The New York Yankees were looking for someone to spark their mediocre offense this month and Gary Sanchez answered the call.

New York Yankees‘ catcher Gary Sanchez has two sides to his identity.

The first is, of course, Gary Sanchez. A young backstop still learning the ropes of the Major Leagues. He’ll run into some home runs, but he’ll cost you some games with his play behind the plate with what has been labeled as laziness.



His alter-ego is “The Kraken.” A baseball history-making phenom that has no desire to lose — let alone not hit home runs. We saw this creature come out last season and it turned an exhausting 2016 Yankees’ season into a promising one.

Now, during a time in which the Yankees’ desperately needed an offensive push, Sanchez has released his inner monster yet again this month. I may be corny right now, but I’m not wrong.

Since the month of August opened, Sanchez owns a .333/.410/.745 slash line with six home runs and 13 RBI’s in 15 games. That includes a nine-game stretch since August 9 where the 24-year-old is 13-for-32 (.406) with five homers. His five RBI’s during New York’s 7-5 win over their crosstown rival was his latest masterpiece and shows us exactly what he can do for the Bombers: lift them over the hump.

The Yankees entered that day (Aug. 9) ranked 26th among Major League teams in runs scored (98 runs) since the All-Star break. That’s mostly thanks to Aaron Judge‘s atrocious second-half slump and Aaron Hicks, Matt Holliday and Starlin Castro being on the disabled list.

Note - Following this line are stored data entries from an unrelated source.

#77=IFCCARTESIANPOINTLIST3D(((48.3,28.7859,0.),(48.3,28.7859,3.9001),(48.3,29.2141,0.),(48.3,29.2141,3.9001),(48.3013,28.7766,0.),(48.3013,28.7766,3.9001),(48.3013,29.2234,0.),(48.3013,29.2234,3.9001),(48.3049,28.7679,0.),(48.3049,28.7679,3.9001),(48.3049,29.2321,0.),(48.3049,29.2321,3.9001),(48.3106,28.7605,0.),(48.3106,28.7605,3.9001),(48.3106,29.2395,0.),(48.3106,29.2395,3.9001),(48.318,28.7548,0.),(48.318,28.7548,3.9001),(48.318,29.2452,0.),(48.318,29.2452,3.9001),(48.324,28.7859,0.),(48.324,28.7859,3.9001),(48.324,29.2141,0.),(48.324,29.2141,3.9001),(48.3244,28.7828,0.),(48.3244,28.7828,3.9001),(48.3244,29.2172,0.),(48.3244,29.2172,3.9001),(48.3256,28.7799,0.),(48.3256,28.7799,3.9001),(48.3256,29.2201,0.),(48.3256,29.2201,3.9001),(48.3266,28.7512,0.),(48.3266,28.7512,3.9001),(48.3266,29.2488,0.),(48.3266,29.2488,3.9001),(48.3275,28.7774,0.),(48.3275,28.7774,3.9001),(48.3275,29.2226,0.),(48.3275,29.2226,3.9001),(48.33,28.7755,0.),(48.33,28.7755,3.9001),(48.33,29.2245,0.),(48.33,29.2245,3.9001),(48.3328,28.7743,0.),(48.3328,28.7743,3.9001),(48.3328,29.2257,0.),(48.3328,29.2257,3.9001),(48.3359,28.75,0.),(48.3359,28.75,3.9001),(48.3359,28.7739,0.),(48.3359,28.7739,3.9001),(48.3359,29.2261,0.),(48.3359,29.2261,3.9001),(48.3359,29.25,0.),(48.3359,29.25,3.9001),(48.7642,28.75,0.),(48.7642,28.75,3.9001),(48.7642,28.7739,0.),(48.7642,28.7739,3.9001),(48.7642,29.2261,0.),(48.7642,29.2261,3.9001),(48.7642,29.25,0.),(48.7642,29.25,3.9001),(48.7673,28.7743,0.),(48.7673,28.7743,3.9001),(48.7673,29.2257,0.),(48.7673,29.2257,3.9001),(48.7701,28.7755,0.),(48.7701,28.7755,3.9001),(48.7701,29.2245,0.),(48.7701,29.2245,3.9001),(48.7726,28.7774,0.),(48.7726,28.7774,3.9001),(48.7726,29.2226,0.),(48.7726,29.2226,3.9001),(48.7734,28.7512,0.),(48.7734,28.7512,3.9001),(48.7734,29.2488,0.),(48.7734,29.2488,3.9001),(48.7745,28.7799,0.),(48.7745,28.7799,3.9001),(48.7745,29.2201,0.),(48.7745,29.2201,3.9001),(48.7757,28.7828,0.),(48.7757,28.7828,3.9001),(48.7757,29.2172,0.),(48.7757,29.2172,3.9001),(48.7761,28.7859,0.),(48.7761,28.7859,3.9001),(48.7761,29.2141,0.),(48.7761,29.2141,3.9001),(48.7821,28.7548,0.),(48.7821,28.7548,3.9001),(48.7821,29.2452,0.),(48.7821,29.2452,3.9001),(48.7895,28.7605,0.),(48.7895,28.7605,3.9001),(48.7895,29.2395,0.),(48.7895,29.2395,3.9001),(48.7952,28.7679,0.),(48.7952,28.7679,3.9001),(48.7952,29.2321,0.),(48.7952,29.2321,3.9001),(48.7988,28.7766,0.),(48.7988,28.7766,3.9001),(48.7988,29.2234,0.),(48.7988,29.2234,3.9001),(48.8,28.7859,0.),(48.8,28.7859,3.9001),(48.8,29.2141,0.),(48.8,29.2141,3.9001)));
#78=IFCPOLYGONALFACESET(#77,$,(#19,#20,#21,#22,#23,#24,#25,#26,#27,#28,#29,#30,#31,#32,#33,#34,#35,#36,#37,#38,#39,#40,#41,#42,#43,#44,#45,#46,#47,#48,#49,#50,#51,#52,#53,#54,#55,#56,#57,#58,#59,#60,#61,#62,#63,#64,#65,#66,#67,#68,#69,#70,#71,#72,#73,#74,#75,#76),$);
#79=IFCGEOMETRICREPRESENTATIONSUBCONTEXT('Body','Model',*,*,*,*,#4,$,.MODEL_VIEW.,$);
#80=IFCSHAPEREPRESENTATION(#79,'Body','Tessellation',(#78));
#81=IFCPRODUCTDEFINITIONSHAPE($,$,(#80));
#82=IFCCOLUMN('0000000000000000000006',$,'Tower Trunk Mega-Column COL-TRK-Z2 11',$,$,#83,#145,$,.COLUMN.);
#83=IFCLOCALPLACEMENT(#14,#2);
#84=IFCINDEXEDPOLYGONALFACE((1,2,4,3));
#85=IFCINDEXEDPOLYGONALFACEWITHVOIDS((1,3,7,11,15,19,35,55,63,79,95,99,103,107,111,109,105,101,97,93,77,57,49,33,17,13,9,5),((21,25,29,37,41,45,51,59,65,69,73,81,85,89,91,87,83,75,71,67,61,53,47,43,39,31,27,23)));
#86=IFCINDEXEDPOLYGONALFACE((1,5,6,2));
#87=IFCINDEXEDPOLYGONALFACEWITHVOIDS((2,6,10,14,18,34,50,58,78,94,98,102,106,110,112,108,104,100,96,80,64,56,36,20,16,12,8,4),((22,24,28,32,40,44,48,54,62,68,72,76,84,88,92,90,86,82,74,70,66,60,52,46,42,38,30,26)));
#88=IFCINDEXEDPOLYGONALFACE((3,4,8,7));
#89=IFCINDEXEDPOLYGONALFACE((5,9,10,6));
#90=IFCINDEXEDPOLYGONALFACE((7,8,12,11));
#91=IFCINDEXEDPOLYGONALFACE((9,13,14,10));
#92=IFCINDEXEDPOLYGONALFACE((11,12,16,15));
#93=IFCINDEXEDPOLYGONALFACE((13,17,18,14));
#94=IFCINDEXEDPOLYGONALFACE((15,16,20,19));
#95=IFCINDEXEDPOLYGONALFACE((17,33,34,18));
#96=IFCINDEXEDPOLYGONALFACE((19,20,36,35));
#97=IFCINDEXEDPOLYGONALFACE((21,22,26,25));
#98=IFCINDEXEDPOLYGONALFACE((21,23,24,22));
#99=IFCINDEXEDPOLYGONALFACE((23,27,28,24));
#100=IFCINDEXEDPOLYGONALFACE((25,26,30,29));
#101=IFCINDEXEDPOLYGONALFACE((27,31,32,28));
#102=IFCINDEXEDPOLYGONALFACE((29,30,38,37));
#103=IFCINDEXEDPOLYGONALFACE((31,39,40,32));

They needed a spark. Additions via waiver trade seemed far-fetched. There was no blossoming prospect in Triple-A ready to make a significant impact. The Kraken was released at the greatest possible point.

Since Sanchez began his tear in Toronto, the Yankees rank ninth in runs scored (44) and are sixth in home runs (14) among Major League teams. That puts their offense right up there with one of baseball’s best bullpens and a rotation featuring the dynamic duo of Luis Severino and Sonny Gray. The impact is felt throughout the 25-man roster and the standings.

As New York heads into their weekend series with the American League East-leading Boston Red Sox at Fenway, they’ll be armed with a scary sight: Sanchez on fire.

The Yankees already gained 1.5 games despite the Red Sox winning two-of-three this week and in the hole by just 4.5 games with over a month left in 2017. Upon Sanchez’s promotion last year, the Yankees’ went on to post the fifth-best record in the AL while pulling within one game of a postseason spot.



If that and his recent performance tells us anything, it’s that an encore presentation of his rise to stardom last year will do more than just bring the young Bombers close to the playoffs. It could push them over the hump and bring home a divisional crown to the Bronx for the first time since 2012.